Visualize the results of a trained decision tree classifier on the Iris dataset using three complementary plots: a confusion matrix, the trained tree structure, and feature importances. Assume a fitted model named `iris_tree` already exists, along with the test split `X_test` and `y_test`. Extract the feature names from the DataFrame. First, generate test-set predictions and plot a confusion matrix using scikit-learn with class labels from `iris.target_names`, formatted as integer counts and styled with a blue color map and a clear title. Next, plot the trained decision tree using `sklearn.tree.plot_tree`, using cleaned feature names (for example, removing units like “(cm)”), and include readable class names, filled and rounded nodes, and a figure size that makes the tree easy to interpret. Finally, compute and plot the model’s feature importances as a horizontal bar chart showing the most influential features (for example, the top 10), with clear axis labels and a descriptive title. Use matplotlib for all visualizations and keep the plots clean, readable, and suitable for teaching.

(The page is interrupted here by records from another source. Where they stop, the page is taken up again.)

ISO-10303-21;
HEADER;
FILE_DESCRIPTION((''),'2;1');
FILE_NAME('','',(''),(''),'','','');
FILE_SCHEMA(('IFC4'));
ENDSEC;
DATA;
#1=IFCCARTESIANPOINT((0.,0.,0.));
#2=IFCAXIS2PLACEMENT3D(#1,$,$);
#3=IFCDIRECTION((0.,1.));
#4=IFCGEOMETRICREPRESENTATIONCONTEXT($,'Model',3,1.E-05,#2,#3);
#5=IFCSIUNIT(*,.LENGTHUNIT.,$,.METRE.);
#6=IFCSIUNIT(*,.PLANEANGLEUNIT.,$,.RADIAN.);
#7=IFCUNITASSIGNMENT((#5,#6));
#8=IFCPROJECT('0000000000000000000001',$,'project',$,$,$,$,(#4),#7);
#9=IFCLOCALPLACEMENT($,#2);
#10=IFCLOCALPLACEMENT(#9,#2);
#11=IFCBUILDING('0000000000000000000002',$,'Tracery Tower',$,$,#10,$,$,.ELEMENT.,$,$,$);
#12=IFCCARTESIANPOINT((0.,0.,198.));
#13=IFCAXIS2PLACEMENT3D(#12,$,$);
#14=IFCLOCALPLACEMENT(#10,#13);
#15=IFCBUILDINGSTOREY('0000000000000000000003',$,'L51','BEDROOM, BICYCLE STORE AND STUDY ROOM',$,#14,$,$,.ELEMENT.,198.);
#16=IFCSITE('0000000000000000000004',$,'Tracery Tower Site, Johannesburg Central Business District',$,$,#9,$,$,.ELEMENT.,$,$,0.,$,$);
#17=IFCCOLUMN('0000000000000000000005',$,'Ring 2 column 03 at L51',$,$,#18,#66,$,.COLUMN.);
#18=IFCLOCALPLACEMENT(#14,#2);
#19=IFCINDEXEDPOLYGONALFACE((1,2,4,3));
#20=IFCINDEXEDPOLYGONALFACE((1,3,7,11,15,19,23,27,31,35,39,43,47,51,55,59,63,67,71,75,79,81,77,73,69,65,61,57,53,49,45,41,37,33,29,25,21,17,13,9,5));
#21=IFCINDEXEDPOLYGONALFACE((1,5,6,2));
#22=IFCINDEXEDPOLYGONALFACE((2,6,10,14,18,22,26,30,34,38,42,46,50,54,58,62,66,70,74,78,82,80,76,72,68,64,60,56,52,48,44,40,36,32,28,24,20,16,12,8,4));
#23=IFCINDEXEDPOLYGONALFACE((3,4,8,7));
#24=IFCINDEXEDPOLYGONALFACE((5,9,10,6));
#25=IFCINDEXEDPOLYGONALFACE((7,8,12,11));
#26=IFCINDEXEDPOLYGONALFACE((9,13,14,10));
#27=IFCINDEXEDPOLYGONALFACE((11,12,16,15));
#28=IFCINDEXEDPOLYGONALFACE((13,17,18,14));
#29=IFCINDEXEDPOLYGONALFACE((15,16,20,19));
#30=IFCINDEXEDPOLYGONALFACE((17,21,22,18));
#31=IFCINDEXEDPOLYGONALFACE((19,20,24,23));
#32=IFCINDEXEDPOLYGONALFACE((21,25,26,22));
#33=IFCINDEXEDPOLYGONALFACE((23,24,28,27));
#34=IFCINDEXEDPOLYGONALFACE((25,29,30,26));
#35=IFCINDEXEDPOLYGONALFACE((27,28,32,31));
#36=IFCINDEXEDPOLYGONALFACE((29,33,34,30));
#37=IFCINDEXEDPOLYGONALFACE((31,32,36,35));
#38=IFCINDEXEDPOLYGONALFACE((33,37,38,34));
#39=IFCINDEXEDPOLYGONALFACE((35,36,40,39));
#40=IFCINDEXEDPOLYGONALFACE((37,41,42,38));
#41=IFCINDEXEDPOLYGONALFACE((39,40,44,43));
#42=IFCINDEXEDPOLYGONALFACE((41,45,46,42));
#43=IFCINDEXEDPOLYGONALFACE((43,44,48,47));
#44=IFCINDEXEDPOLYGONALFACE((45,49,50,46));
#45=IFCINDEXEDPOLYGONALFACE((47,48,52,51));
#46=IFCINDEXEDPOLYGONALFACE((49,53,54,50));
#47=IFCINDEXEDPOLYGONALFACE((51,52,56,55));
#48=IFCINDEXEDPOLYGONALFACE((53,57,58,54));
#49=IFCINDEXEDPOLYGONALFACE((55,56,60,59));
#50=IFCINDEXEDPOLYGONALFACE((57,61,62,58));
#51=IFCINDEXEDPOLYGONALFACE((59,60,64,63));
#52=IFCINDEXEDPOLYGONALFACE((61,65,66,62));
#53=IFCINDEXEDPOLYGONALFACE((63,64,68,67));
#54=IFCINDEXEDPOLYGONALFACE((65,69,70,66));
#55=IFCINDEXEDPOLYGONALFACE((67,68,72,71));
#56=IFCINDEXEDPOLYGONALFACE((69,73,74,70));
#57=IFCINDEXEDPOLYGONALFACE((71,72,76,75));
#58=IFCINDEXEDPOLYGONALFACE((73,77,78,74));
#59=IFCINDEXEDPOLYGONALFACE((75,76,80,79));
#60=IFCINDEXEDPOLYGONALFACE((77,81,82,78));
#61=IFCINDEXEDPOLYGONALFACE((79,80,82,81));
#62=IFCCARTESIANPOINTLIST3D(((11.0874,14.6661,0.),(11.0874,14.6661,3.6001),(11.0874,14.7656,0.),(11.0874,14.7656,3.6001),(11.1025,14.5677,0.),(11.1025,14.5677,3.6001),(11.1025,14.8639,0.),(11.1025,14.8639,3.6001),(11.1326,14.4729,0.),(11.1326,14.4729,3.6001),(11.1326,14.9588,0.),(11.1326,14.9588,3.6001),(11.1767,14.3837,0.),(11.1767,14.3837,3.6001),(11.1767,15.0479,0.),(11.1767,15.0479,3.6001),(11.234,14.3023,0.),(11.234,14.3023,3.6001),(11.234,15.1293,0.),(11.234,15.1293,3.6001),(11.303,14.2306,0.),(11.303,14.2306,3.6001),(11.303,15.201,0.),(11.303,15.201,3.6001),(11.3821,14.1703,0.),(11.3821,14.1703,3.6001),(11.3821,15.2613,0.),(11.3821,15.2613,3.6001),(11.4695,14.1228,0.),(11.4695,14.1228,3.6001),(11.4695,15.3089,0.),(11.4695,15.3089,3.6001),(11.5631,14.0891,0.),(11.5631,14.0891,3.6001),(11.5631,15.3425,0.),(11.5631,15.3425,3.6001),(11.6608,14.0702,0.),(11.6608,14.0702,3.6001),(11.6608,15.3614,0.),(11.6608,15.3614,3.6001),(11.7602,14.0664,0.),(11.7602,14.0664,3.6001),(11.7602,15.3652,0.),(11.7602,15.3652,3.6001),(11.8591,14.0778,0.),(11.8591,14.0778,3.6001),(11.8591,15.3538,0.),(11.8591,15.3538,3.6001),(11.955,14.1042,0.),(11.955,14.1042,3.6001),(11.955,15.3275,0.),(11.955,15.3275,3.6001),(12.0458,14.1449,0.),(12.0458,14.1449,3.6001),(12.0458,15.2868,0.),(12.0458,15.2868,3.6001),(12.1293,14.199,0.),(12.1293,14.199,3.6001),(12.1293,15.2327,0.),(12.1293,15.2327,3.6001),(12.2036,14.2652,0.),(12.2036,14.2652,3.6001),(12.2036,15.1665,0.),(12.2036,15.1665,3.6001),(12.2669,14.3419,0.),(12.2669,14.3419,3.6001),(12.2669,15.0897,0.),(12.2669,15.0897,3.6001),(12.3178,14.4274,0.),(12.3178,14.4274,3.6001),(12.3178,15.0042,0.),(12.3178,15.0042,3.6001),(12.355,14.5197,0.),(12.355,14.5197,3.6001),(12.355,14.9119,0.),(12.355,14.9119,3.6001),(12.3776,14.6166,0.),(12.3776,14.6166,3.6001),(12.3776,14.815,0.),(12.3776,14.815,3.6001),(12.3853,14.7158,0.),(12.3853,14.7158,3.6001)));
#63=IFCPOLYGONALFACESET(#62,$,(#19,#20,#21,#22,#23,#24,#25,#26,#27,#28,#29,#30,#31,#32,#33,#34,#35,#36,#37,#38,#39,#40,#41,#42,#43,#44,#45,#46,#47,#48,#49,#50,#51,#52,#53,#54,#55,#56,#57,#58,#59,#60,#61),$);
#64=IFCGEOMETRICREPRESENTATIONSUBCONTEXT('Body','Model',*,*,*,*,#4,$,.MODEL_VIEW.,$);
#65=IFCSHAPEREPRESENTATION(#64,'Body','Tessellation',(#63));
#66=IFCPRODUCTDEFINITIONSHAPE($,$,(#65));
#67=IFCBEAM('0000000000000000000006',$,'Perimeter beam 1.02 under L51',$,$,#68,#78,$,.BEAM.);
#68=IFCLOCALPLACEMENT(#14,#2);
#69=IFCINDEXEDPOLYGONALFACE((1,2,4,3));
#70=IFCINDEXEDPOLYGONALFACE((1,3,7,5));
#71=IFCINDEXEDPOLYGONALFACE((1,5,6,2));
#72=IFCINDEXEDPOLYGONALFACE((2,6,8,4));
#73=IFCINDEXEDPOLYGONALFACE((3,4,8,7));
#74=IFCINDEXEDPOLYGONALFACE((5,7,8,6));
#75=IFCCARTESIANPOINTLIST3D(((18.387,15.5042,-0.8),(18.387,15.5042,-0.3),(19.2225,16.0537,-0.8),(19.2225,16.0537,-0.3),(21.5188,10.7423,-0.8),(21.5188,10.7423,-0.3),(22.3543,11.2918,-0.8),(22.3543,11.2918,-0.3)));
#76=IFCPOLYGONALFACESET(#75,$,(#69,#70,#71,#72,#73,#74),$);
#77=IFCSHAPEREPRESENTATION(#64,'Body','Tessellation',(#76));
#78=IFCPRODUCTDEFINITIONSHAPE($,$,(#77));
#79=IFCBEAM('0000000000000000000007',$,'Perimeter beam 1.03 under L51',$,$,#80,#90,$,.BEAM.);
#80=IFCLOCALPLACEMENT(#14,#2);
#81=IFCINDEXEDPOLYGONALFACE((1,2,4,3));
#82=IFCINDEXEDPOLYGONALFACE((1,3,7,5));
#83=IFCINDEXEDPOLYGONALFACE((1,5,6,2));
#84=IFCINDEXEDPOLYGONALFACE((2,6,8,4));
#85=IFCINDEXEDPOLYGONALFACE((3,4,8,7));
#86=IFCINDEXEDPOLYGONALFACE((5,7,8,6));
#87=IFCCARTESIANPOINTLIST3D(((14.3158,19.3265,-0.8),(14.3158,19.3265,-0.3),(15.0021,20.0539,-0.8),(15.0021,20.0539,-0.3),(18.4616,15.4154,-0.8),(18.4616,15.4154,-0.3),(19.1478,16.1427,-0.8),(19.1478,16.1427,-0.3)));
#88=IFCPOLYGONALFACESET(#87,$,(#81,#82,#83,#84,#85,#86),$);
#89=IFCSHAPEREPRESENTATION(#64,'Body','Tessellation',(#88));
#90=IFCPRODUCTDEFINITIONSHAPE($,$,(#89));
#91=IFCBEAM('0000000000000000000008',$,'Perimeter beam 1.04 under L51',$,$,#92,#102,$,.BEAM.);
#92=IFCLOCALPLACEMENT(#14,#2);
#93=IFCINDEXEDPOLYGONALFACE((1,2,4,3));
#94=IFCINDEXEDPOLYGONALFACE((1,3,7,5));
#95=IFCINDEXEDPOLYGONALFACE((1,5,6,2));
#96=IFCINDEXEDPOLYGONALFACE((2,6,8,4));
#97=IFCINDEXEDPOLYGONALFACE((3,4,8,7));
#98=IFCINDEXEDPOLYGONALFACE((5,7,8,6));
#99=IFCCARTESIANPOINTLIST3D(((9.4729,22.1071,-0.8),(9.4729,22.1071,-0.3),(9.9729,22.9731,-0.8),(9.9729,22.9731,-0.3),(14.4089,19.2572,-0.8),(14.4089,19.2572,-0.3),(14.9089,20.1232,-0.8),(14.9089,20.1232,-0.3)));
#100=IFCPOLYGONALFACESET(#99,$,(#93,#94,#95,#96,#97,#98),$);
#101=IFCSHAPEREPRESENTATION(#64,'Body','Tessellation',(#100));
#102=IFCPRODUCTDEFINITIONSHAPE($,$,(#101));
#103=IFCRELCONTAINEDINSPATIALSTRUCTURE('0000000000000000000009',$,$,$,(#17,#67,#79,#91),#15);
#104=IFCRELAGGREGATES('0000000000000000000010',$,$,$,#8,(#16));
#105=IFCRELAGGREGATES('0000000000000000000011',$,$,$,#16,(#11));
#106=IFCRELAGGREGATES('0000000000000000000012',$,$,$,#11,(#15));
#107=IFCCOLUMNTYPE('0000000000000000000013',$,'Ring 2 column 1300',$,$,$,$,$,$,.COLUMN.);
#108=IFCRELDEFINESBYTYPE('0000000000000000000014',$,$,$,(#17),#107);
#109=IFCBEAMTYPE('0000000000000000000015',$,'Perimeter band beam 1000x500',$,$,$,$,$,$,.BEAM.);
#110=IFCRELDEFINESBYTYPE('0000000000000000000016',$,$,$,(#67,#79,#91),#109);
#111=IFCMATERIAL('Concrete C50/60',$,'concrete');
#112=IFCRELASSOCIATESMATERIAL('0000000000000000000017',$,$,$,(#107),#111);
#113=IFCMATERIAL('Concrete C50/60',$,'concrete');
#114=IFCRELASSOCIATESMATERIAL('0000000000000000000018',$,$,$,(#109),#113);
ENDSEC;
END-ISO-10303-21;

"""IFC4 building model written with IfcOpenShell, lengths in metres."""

from ifc_helpers import new_model, si_unit, direction, frame, origin, origin_2d, place, context, subcontext, project, spatial, rectangle, circle, extrude, material, material_profile, profile_set, type_object, element, save


model = new_model("IFC4")

# Units and contexts
model_context = context("Model", 3, precision=1e-05, world=origin(), true_north=direction((0.0, 1.0)))
body_context = subcontext(model_context, "Body", "Model", "MODEL_VIEW")
ifc_project = project(units=[si_unit("LENGTHUNIT", "METRE"), si_unit("PLANEANGLEUNIT", "RADIAN")], contexts=[model_context])

# Site, building, storey
site_placement = place(None, origin())
site = spatial("IfcSite", under=ifc_project, at=site_placement, Name="Tracery Tower Site, Johannesburg Central Business District", CompositionType="ELEMENT", RefElevation=0.0)
building_placement = place(site_placement, origin())
building = spatial("IfcBuilding", under=site, at=building_placement, Name="Tracery Tower", CompositionType="ELEMENT")
storey_placement = place(building_placement, frame((0.0, 0.0, 198.0)))
storey = spatial("IfcBuildingStorey", under=building, at=storey_placement, Name="L51", Description="BEDROOM, BICYCLE STORE AND STUDY ROOM", CompositionType="ELEMENT", Elevation=198.0)

# Column
ifc_material_1 = material(Name="Concrete C50/60", Category="concrete")
ifc_material_profile_1 = material_profile(ifc_material_1, circle(Radius=0.6499, at=origin_2d()), Name="RC D1300")
ifc_profile_set_1 = profile_set([ifc_material_profile_1], Name="Concrete C50/60")
column_type_1 = type_object("IfcColumnType", Name="Ring 2 column 1300", PredefinedType="COLUMN", material=ifc_profile_set_1)
for number, where, z_axis, x_axis, name in (
    (1, (11.7354, 14.7158, 0.0), (0.0, 0.0, 1.0), (1.0, 0.0, 0.0), "Ring 2 column 03 at L51"),
):
    element("IfcColumn", number, at=place(storey_placement, frame(where, z_axis=z_axis, x_axis=x_axis)), inside=storey, type_object=column_type_1, Name=name, PredefinedType="COLUMN", context=body_context, shape_type="SweptSolid", body=[
        extrude(circle(Radius=0.6499, at=origin_2d()), origin(), (0.0, 0.0, 1.0), 3.6001),
    ])

# Beams
ifc_material_2 = material(Name="Concrete C50/60", Category="concrete")
ifc_material_profile_2 = material_profile(ifc_material_2, rectangle(XDim=1.0, YDim=0.5, at=origin_2d()), Name="RC 1000x500")
ifc_profile_set_2 = profile_set([ifc_material_profile_2], Name="Concrete C50/60")
beam_type = type_object("IfcBeamType", Name="Perimeter band beam 1000x500", PredefinedType="BEAM", material=ifc_profile_set_2)
for number, where, z_axis, x_axis, name in (
    (2, (21.9365, 11.0171, -0.55), (-0.54949, 0.8355, 0.0), (-0.8355, -0.54949, 0.0), "Perimeter beam 1.02 under L51"),
    (3, (18.8047, 15.7791, -0.55), (-0.72739, 0.686225, 0.0), (-0.686225, -0.72739, 0.0), "Perimeter beam 1.03 under L51"),
):
    element("IfcBeam", number, at=place(storey_placement, frame(where, z_axis=z_axis, x_axis=x_axis)), inside=storey, type_object=beam_type, Name=name, PredefinedType="BEAM", context=body_context, shape_type="SweptSolid", body=[
        extrude(rectangle(XDim=1.0, YDim=0.5, at=origin_2d()), origin(), (0.0, 0.0, 1.0), 5.6995),
    ])
beam_placement = place(storey_placement, frame((14.6589, 19.6902, -0.55), z_axis=(-0.866023, 0.500004, 0.0), x_axis=(-0.500004, -0.866023, 0.0)))
element("IfcBeam", 4, at=beam_placement, inside=storey, type_object=beam_type, Name="Perimeter beam 1.04 under L51", PredefinedType="BEAM", context=body_context, shape_type="SweptSolid", body=[
    extrude(rectangle(XDim=1.0, YDim=0.5, at=origin_2d()), origin(), (0.0, 0.0, 1.0), 5.6997),
])

save(model, "model.ifc")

### Lesson Summary: Supervised Machine Learning

In this lesson, you were introduced to the fundamental ideas behind **supervised machine learning**, where models learn a mapping from input features to known output labels using labeled examples.

A central theme throughout the lesson was **generalization**. You saw that a model’s goal is not to memorize the training data, but to perform well on **unseen data**. By using train–test splits and comparing models of varying complexity, you examined the concepts of **underfitting**, **overfitting**, and how model complexity influences performance.

Overall, this lesson emphasized that supervised machine learning is a **design process**, not just an algorithm. Effective models require thoughtful data preparation, appropriate model selection, careful evaluation, and clear interpretation of results.